Most lenders are not giving private insurance even to people who offer lower than 25% down payment on their mortgage loan. This means too that they are no longer giving them lower interest rates compared to their counterparts who pay more than 25% of the mortgage loan. When the outstanding value of the loan is less than 80% of the value of the home there is no need for private insurance and this means that it can be called off at any time within the repayment period. Depending on the lender, some borrowers will not be allowed to call off the private insurance unless the value falls below 50% of the assessed value of the house.
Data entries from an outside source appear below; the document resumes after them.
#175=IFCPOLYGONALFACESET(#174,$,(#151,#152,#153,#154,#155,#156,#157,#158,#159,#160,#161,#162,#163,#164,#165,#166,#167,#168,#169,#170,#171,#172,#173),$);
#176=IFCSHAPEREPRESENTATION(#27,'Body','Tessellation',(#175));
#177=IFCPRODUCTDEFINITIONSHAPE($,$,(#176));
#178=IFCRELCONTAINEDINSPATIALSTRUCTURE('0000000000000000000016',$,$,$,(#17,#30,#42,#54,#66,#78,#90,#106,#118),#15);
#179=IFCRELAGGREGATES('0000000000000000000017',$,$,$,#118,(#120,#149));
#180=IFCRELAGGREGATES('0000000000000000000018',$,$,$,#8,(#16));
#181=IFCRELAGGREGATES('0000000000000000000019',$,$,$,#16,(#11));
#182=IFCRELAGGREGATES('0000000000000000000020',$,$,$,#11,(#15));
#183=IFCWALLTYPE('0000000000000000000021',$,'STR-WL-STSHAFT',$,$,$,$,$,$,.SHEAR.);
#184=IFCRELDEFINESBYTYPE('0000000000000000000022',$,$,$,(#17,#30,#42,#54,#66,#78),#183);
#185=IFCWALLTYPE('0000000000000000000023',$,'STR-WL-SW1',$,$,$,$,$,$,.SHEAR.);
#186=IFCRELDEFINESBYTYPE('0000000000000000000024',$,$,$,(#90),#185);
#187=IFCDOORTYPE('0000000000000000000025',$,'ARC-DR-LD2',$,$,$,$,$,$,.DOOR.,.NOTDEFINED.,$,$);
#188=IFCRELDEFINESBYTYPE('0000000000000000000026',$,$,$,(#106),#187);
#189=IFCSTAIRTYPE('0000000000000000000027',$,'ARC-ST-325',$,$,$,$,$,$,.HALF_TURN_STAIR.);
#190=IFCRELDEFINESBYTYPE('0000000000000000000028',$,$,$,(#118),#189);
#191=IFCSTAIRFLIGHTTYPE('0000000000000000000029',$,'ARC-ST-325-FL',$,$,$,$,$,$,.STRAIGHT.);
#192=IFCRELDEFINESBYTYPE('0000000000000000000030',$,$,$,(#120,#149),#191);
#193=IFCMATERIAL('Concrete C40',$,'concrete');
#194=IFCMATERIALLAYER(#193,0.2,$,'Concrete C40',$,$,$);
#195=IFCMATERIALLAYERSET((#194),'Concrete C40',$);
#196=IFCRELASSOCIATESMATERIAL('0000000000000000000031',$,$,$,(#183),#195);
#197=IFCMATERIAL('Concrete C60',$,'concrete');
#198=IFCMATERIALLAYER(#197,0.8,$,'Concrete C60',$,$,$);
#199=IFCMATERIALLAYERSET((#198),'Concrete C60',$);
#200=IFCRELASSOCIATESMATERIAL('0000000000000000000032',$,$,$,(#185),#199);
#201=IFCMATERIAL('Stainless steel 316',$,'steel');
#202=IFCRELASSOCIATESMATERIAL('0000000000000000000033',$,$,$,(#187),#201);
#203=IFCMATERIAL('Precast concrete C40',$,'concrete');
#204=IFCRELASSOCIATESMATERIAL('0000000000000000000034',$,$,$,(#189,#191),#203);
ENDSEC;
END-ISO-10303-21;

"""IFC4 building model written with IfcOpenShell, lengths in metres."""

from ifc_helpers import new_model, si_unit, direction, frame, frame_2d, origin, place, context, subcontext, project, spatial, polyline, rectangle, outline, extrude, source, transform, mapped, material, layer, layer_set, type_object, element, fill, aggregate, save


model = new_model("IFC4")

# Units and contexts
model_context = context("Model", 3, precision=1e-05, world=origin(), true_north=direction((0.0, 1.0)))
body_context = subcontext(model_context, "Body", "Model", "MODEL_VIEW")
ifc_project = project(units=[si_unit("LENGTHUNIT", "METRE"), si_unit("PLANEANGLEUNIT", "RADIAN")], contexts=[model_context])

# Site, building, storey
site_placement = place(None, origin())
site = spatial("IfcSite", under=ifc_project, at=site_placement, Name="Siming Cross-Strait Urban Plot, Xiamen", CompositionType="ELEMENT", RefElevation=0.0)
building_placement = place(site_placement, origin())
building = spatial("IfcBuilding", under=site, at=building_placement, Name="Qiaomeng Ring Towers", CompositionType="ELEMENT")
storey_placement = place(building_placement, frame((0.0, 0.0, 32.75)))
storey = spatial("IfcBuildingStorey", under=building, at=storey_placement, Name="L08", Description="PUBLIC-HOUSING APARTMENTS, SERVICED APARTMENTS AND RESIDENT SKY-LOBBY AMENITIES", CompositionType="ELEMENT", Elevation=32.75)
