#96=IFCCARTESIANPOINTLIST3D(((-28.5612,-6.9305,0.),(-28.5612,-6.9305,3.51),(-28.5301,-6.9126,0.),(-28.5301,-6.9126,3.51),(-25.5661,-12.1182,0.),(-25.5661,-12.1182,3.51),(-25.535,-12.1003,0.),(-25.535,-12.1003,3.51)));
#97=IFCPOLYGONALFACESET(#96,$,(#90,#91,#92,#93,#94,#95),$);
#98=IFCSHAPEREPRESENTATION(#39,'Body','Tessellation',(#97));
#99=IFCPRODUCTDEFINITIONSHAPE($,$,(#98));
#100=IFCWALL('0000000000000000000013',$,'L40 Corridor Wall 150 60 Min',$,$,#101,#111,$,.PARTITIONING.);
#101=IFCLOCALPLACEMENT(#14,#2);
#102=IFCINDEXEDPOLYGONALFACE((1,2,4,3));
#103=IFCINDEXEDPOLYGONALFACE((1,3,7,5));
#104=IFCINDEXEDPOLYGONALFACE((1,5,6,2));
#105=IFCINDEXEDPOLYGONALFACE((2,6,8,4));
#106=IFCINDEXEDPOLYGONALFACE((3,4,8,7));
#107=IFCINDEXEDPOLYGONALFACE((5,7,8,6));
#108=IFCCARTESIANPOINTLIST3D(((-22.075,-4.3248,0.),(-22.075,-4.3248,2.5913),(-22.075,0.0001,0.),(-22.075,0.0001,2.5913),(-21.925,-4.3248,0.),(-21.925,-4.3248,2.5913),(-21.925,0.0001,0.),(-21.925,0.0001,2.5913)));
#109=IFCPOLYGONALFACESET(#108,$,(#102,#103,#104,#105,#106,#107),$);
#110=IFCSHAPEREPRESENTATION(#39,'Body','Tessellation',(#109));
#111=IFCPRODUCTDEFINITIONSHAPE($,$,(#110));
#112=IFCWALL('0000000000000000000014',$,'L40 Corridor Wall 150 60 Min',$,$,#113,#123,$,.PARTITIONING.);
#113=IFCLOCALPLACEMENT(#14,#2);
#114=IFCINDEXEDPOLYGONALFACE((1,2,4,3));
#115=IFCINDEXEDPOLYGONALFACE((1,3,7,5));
The purpose of the life insurance is to protect the interests of the owners of the house; so that the dependents of the owners of the house are left with something they can call their own in the event of the death or the incapability of the owner of the house. This means that they will not have to pay the mortgage fees after the death of the owner of the house. There are some factors that may come in to prevent this from happening and in some cases life insurance does not necessarily give all these benefits. Overall it depends on the age and the health risks as well as the vulnerability of the dependents of the person seeking the loan. Insurance companies may or may not give such insurance policies to borrowers who are considered high risk. Most people do not qualify for a life insurance policy but the other option for them remains to be the regular life insurance policy, which ensures that in the event of the death of the owner of the house, the life insurance amount paid out will be used to settle the mortgage debt.